The Truong court never held any such a thing. The governments actions were done without any court permission, oversight or approval and were held by the court to be completely constitutional after the fact and after the trial.
Yes, and then the Truong court ruled on the reasonableness, saying: "As the district court observed, the surveillance was nonetheless reasonable, and we agree." Notice, the court found it reasonable long after the fact and long after the trial and merely gave their stamp of approval to what the government had already done.
When it comes to initiating foreign intelligence intercepts, "proof" is not the standard, nor is it "probable cause", all that the President needs is a reasonable suspicion that at least one individual that is party to a communication, is acting as an agent of a foreign power.
Sorry, all the leading cases and four courts of appeal disagree with you and state emphatically, and without the limitation you dreamt up, that the President has the inherent constitutional authority to conduct warrantless searches to obtain foreign intelligence information.

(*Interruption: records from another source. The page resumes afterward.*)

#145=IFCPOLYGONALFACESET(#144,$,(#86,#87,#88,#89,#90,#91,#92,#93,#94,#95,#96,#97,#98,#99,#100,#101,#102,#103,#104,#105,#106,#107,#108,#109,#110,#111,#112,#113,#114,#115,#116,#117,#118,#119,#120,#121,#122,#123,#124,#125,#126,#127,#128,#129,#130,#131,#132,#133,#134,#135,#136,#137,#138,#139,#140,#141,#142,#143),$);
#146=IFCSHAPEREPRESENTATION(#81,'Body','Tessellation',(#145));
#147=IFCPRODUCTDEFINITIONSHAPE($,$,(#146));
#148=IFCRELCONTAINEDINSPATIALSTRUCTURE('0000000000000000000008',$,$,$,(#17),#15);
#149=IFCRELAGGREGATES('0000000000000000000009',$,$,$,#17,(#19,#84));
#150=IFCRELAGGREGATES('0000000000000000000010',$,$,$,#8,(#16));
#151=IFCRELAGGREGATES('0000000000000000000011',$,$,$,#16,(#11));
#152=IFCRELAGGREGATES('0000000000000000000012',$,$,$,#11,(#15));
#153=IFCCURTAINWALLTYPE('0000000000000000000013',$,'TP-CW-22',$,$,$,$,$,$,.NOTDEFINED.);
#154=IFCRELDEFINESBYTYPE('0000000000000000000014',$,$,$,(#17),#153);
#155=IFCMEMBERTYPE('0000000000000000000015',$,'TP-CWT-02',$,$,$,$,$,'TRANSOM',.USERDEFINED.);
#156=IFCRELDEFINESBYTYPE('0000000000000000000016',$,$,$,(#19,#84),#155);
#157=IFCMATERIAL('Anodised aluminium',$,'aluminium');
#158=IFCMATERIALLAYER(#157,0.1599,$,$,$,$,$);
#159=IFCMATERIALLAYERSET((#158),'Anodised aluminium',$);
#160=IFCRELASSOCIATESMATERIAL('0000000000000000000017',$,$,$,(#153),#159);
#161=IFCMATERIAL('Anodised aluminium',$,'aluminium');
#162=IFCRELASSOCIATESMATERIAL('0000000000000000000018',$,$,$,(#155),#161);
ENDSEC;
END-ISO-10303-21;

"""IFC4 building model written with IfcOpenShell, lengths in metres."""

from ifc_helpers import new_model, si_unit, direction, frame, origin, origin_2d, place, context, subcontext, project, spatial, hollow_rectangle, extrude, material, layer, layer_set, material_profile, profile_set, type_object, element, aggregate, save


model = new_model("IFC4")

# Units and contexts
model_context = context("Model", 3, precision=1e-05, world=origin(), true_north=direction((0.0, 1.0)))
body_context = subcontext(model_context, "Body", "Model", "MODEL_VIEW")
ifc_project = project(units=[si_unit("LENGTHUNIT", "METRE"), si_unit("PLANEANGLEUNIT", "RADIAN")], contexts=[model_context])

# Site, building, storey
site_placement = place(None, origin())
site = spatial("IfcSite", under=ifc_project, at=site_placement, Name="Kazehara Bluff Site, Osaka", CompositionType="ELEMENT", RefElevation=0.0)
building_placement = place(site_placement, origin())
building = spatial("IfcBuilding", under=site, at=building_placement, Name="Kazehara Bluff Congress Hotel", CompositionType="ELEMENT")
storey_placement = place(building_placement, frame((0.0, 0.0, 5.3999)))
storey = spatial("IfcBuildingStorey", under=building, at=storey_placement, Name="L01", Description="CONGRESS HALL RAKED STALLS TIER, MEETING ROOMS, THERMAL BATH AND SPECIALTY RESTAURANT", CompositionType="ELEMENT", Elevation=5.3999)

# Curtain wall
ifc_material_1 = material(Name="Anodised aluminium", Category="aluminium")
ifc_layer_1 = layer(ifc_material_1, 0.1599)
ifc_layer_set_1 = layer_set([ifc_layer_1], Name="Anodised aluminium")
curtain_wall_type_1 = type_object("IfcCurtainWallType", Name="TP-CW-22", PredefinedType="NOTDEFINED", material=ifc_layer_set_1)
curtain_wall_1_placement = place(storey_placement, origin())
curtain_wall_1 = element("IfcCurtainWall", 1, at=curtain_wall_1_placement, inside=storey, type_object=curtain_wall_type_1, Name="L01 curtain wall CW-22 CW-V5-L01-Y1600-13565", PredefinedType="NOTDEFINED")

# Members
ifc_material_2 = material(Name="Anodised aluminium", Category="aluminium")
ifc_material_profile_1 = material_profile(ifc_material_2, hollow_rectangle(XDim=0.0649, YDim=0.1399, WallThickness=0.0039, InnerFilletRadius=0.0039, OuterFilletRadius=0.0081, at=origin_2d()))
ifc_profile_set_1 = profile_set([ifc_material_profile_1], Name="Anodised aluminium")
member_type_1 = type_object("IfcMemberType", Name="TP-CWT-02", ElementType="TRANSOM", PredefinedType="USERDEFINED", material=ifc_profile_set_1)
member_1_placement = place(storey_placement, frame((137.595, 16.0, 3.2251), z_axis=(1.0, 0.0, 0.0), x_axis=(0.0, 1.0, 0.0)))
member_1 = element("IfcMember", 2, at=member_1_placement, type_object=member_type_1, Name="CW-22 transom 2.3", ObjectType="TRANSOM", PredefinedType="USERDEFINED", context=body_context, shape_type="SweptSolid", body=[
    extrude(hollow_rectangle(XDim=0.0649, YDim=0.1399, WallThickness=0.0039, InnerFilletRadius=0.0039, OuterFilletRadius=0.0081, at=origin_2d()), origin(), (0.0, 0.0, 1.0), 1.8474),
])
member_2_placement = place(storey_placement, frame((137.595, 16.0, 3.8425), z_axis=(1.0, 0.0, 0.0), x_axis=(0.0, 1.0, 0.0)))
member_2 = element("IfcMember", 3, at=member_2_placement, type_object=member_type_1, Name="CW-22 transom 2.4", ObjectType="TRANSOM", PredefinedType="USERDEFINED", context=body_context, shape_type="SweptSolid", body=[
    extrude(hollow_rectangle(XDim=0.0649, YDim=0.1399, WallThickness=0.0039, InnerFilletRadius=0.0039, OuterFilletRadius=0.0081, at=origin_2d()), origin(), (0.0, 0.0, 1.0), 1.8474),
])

If you think you can find a case cite that agrees with your position, post it.
Sorry, you're simply incorrect, neither the Truong court nor any other court to have ruled on the matter has ever once uses the word "known" as a requirement for subjects of surveillance as agents of a foreign power.
Both.
Yes, dreamt up, since none of those quotes you provided show the court requiring the subject be a "known" agent of a foreign power. They use no such word or language in limiting the scope of the President's authority.
Nor would it be logical to expect any court to impose such a standard of "known", since when the government initiates an investigation, by definition, the word "investigation" admits to much being unknown about a case.